Brief regering : Actuele ontwikkelingen op het terrein van gewasbescherming
27 858 Gewasbeschermingsbeleid
Nr. 584 BRIEF VAN DE MINISTER VAN LANDBOUW, NATUUR EN VOEDSELKWALITEIT
Aan de Voorzitter van de Tweede Kamer der Staten-Generaal
Den Haag, 19 oktober 2022
Er is op 20 oktober a.s. een commissiedebat gewasbeschermingsmiddelen gepland. Ik
stuur uw Kamer hierbij enkele actuele ontwikkelingen op het terrein van gewasbescherming.
Bijenrichtsnoer
Op 5 oktober 2022 heeft een Europese workshop plaatsgevonden over het bijenrichtsnoer
waar ik uw Kamer vooraf over heb geïnformeerd (Kamerstuk 27 858, nr. 581). Tijdens deze workshop hebben lidstaten, telerorganisaties, industrie en NGO’s hun
visie en commentaar op het bijenrichtsnoer gepresenteerd. EFSA zal deze nu, samen
met de 1.500 binnengekomen commentaren op de publieke consultatie, verwerken en het
bijenrichtsnoer naar verwachting in het voorjaar 2023 afronden. Vanuit Nederland heeft
het College voor de toelating van gewasbeschermingsmiddelen en biociden (hierna: Ctgb)

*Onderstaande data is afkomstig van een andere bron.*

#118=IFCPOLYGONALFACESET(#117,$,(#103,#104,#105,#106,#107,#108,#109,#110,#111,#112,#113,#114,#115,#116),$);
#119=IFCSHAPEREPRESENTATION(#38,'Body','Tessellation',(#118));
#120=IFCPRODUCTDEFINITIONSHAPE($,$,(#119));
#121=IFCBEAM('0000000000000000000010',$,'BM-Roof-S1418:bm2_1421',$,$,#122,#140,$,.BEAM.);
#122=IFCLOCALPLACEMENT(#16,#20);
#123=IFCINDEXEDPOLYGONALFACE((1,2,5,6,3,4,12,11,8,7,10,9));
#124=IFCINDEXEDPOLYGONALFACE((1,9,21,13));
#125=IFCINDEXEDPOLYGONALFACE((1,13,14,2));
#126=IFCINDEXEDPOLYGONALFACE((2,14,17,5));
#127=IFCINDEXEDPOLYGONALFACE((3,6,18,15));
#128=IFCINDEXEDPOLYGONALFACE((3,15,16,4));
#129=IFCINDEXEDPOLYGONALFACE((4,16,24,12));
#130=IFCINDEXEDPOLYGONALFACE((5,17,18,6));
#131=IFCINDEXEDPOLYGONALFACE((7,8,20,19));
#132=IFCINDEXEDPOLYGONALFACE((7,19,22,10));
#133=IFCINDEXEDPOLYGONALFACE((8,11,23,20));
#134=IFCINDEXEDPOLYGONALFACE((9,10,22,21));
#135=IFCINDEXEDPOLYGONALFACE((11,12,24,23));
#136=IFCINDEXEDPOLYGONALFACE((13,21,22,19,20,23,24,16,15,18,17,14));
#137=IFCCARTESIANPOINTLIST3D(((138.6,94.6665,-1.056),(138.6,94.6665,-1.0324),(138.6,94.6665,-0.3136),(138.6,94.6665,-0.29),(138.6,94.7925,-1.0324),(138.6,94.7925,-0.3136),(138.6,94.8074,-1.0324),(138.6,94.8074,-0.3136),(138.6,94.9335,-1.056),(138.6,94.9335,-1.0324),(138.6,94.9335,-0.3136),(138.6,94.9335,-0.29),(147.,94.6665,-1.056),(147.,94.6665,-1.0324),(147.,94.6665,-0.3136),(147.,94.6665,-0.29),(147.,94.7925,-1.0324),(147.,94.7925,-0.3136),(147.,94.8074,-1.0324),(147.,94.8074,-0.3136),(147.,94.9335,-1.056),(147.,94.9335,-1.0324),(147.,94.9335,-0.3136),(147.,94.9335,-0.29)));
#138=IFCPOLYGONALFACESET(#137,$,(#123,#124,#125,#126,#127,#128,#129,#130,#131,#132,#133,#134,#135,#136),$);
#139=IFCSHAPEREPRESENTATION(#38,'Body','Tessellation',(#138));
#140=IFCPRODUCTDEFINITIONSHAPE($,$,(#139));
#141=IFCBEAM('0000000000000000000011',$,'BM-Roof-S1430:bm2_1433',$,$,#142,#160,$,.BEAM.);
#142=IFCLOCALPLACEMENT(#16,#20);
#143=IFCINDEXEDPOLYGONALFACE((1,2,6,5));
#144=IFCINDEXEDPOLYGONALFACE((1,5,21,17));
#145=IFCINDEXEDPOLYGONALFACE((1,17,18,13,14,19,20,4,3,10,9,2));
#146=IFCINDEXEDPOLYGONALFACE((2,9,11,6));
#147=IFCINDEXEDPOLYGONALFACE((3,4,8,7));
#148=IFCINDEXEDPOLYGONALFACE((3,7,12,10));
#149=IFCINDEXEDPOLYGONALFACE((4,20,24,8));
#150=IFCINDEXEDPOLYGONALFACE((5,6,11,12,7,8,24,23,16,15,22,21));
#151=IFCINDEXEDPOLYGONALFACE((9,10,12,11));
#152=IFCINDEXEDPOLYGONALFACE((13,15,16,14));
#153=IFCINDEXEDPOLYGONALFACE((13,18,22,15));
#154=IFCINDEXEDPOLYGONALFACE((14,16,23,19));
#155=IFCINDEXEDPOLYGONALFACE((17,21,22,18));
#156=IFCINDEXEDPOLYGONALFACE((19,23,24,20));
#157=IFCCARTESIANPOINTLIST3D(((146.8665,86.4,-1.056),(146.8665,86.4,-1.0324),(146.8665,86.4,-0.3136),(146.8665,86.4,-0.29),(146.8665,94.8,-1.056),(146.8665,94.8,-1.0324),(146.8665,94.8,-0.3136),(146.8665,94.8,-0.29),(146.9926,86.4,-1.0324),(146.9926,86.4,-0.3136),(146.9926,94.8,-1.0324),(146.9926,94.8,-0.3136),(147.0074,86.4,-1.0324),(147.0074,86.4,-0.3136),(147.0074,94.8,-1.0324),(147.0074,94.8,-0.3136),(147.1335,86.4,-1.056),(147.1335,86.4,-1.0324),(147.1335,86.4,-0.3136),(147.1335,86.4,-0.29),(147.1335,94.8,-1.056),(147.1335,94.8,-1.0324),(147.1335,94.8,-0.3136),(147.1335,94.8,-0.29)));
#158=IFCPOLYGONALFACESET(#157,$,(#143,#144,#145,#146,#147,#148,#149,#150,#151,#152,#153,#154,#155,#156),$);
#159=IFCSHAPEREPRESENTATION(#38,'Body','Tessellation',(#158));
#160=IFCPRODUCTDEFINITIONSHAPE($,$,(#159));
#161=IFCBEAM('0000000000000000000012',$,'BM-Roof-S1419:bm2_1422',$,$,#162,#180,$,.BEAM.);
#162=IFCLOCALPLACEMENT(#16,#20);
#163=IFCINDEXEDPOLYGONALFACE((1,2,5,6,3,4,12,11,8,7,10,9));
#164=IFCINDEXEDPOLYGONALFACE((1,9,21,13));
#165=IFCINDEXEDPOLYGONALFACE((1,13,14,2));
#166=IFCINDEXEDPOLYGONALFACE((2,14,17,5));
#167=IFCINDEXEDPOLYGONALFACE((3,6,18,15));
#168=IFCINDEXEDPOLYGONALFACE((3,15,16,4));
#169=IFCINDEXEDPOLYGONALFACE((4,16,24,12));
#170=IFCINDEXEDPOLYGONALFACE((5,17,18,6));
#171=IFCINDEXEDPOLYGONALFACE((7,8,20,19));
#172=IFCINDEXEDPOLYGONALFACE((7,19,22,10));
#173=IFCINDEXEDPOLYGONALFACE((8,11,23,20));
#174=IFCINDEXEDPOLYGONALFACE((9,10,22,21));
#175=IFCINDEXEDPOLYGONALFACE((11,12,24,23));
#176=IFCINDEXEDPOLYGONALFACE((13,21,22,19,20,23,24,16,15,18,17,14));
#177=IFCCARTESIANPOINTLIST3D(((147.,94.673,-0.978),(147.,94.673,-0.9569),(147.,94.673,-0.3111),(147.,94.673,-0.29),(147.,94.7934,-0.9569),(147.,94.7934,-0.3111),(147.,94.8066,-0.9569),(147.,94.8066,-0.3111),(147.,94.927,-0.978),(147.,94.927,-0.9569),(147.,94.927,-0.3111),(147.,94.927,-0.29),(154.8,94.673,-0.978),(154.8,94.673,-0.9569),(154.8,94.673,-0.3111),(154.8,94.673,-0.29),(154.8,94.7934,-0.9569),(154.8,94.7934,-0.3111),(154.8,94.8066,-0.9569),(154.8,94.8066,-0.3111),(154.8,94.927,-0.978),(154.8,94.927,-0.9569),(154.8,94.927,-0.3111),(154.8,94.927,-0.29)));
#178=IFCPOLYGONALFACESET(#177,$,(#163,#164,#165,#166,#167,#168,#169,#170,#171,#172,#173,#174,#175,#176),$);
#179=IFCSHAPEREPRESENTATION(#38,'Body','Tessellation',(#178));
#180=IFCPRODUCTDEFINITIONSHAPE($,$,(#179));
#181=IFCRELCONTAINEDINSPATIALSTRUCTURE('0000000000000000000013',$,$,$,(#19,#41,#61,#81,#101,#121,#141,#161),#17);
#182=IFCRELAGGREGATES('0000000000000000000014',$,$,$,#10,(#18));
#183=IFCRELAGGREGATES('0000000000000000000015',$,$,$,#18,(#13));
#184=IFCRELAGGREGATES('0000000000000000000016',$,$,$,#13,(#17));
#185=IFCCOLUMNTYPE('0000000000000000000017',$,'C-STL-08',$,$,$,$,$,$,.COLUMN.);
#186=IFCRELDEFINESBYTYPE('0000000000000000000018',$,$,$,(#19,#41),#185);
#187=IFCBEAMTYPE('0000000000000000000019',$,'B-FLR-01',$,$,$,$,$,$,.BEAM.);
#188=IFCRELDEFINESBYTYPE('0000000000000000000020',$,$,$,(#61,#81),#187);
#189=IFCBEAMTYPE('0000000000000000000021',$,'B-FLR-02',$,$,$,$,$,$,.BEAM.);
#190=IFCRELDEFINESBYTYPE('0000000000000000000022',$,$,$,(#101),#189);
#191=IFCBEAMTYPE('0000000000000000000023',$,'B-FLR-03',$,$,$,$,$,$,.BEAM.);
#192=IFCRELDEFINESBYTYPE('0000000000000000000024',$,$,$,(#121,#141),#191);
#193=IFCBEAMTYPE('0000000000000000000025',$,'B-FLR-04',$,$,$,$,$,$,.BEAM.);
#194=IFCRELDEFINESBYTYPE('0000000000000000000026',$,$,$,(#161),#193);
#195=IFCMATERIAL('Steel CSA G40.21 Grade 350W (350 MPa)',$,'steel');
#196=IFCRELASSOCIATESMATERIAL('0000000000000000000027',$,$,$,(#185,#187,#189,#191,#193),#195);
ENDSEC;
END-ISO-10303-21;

technisch commentaar op de publieke consultatie geleverd en inmiddels op zijn website
gepubliceerd1. De Europese Commissie zal het bijenrichtsnoer na oplevering door EFSA ter besluitvorming
voorleggen aan de lidstaten. Hierover zal ik uw Kamer vooraf informeren.
Voorstel verordening duurzaam gebruik gewasbeschermingsmiddelen
Op 11 en 12 oktober jl. heeft de tweede bespreking plaatsgevonden in de Raadswerkgroep
over het voorstel voor een verordening duurzaam gebruik gewasbeschermingsmiddelen.
Onderwerp van gesprek waren de definitie en voorschriften voor «gevoelige gebieden»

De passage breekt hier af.